# FS: 20 Gal Long and Stingray Stand Set ($45), Indian Almond Leaves ($5/dozen)



## JTang (Apr 21, 2010)

Guess I won't be able to set up all the tanks that I recently purchased (I have just set up 2 more!) LOL. Wife said 5 tanks are more than enough in the family room! So this set has to go... 

Originally bought from Adrain back in Jan:

20 Gal Long - Good n very clean condition, except that the back glass is a bit scratched up. Silicone is in excellent condition. No Leak, cleaned n ready to go. Tank is shown in the picture below. $25 
*NOTE: The driftwood in the Picture is NOT included! Add $50 if you want it! Hahahaa!

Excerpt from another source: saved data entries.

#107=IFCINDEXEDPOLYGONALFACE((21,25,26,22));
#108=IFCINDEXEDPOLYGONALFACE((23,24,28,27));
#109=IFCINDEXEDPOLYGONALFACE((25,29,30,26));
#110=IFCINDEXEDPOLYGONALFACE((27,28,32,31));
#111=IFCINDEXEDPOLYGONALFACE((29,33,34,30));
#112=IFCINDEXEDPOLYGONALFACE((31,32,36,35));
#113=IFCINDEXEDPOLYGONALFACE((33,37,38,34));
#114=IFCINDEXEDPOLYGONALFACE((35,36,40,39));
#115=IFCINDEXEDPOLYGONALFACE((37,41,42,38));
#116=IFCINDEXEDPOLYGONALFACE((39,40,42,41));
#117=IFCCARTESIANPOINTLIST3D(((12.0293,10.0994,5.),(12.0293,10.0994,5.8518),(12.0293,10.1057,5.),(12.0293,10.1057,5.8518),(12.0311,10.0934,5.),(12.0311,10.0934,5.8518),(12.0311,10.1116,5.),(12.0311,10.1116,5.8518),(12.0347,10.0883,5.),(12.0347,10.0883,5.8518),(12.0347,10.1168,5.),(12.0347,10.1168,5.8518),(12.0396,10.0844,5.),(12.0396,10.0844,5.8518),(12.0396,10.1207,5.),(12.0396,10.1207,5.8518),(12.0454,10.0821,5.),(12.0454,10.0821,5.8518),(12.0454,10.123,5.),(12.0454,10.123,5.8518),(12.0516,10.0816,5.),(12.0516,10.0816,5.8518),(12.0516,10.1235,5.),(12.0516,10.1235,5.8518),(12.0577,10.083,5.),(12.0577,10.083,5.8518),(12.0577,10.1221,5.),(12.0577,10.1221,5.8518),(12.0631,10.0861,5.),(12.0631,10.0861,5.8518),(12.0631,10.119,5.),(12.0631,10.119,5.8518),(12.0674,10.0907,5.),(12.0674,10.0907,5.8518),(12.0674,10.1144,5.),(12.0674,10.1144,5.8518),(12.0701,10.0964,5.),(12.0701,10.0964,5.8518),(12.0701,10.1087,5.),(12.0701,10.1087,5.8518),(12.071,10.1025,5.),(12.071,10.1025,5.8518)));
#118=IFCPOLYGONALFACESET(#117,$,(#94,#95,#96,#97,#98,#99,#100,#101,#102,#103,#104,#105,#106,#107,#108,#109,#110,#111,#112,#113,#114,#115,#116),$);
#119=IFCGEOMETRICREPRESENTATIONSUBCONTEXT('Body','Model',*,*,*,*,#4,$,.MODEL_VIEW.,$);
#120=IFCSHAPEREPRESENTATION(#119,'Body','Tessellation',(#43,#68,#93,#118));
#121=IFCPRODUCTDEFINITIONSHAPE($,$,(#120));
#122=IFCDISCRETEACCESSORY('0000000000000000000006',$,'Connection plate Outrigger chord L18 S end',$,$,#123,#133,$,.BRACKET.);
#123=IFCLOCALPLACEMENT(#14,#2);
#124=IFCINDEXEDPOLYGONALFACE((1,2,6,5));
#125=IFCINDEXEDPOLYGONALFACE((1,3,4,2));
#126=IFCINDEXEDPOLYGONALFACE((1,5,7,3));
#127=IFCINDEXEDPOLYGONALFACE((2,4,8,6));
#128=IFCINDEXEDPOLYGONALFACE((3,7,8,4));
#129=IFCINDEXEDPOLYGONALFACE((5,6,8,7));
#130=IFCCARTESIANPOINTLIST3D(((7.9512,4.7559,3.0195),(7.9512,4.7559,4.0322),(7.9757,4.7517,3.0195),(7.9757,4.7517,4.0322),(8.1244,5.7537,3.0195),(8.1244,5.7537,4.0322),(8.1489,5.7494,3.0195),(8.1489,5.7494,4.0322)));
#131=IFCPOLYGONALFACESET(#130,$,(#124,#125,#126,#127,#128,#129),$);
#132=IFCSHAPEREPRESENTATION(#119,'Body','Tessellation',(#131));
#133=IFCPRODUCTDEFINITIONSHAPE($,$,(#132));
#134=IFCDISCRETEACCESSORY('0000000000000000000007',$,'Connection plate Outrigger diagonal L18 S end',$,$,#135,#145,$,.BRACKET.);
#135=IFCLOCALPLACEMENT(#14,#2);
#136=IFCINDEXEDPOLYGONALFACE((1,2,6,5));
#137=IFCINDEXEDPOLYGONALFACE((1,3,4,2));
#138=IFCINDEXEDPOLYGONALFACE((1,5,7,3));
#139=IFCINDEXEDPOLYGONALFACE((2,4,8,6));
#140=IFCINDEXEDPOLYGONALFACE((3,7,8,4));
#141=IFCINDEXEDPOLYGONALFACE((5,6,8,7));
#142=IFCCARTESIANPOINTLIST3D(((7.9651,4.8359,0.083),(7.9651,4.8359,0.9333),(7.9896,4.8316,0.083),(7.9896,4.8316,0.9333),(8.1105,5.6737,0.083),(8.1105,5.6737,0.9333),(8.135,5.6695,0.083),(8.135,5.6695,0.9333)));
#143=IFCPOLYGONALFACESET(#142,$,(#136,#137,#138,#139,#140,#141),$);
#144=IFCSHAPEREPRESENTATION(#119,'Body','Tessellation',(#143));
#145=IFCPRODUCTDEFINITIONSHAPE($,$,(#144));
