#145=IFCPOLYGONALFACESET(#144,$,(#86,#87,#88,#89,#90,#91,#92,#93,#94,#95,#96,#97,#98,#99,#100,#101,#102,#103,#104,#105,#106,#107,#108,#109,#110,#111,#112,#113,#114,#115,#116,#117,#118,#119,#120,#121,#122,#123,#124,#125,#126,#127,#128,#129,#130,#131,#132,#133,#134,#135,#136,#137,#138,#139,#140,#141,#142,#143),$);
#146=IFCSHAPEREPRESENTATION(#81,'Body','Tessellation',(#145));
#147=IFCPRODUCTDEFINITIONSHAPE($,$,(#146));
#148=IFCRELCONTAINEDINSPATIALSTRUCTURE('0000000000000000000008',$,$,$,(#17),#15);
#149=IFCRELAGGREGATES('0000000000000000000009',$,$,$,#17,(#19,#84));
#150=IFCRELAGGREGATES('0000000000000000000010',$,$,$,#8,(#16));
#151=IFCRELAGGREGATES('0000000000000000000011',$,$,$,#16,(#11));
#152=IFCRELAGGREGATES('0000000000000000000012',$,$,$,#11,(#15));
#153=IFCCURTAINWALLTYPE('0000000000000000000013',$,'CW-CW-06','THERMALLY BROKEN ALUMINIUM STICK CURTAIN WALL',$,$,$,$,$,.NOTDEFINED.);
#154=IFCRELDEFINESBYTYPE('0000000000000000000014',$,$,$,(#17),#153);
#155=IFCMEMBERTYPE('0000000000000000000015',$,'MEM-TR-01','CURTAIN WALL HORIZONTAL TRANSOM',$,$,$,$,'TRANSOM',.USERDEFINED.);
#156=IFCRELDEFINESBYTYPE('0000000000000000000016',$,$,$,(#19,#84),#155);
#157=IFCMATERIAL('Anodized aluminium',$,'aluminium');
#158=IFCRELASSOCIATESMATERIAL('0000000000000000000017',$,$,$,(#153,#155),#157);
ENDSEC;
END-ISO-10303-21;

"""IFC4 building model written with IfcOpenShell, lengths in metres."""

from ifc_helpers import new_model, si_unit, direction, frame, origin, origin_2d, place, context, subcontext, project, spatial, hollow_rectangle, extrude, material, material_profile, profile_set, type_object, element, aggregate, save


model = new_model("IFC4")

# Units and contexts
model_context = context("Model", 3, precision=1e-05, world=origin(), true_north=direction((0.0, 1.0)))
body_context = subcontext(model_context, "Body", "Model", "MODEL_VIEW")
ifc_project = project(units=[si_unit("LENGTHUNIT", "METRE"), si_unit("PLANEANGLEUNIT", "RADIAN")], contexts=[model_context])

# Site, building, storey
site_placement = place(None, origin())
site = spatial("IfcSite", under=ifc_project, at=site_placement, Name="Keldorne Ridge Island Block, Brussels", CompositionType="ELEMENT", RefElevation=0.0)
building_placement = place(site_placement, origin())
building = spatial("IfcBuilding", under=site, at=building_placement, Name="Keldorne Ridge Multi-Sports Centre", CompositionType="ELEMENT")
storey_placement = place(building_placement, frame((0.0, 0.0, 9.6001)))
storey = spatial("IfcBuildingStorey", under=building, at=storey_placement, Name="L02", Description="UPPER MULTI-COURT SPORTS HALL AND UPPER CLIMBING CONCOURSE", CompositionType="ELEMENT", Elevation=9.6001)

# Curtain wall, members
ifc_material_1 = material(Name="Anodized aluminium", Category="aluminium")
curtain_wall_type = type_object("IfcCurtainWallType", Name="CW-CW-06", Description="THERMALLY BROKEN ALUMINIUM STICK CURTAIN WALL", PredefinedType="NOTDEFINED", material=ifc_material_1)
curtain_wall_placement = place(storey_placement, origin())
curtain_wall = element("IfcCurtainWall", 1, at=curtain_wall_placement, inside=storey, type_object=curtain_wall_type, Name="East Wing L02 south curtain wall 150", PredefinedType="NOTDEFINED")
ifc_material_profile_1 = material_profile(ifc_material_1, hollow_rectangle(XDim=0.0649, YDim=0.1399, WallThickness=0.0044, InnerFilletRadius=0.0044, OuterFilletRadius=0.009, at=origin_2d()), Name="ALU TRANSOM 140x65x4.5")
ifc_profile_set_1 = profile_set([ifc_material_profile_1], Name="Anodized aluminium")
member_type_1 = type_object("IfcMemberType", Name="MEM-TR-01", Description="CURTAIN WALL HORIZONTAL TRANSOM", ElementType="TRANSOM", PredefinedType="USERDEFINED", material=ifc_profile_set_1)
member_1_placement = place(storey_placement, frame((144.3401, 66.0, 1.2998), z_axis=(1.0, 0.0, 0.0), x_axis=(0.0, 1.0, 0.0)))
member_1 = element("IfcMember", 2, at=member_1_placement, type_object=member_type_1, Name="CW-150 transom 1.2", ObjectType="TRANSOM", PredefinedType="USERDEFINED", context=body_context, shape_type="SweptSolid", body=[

Matching Stingray Stand in great condition - 31''L x 13'' W x 28''H
Fits 29gal, 20gal long, or other smaller tank such as 20gal or 10gal.
Color: Light oak, door/storage on left hand side. 
$30,

or take the set (tank n stand) for Only $45!!!!! *SOLD!*



















Large Indian Almond Leaves (6''-8''). 1 dozen left. 
$5/dozen. Can be mailed to you for an extra dollar.










Pick up in Poco, or meet along Hwy1 in Surrey, Langley, n Aldergrove.


----------



## JTang (Apr 21, 2010)

#2 is pending p/u.


----------



## JTang (Apr 21, 2010)

The guy backed out. Both 404 still available.


----------



## JTang (Apr 21, 2010)

Weekend Bump!


----------



## JTang (Apr 21, 2010)

Added Stingray stand...


----------



## JTang (Apr 21, 2010)

Fluval #2 pending...


----------



## maritzruan (Dec 17, 2010)

#2 is it in good condition ?


----------



## JTang (Apr 21, 2010)

No, it's leaky and that's why it is $25! 
See post #1 for details.

It's pending for pickup tmr (Monday).


----------



## JTang (Apr 21, 2010)

404 #2 is Sold!


----------



## JTang (Apr 21, 2010)

Bump to top!


----------



## JTang (Apr 21, 2010)

Bump...........


----------



## JTang (Apr 21, 2010)

Bump! Will be heading to BCIT area Monday evening if anyone is interested in meeting up....


----------



## spit.fire (Jan 3, 2011)

id take the 404 if we could meet neer 232nd or 264th sometime during the week around 430 5ish


----------



## JTang (Apr 21, 2010)

PM'd you to arrange for meet up.


----------



## JTang (Apr 21, 2010)

Fluval 404 is pending...


----------



## JTang (Apr 21, 2010)

Bump......


----------



## JTang (Apr 21, 2010)

Both 404's are sold!
Stand n Almond Leaves still available.


----------



## spit.fire (Jan 3, 2011)

Thanks for the 404, its already setup on my tank and running awesome, didnt even leak a drop for me


----------



## JTang (Apr 21, 2010)

Yeah that 404 runs nice n quiet, pumps out lot of flow at the same time! A new o-ring will fix it for good!


----------



## JTang (Apr 21, 2010)

Bump to the top!


----------



## JTang (Apr 21, 2010)

Beautiful 20 Gal Long Tank n Stand set is up for Grab!

Take them for $45 !


----------



## JTang (Apr 21, 2010)

1 dozen Almond Leaves left...


----------



## JTang (Apr 21, 2010)

Bump it up!


----------



## JTang (Apr 21, 2010)

Weekend Bump!

Only $45 for a nice 20gal long tank & stand set!

Still have 1 dozen of almond leaves left....


----------



## JTang (Apr 21, 2010)

Tank n Stand Set is pending...


----------



## JTang (Apr 21, 2010)

Tank n Stand are now.... Gone!


----------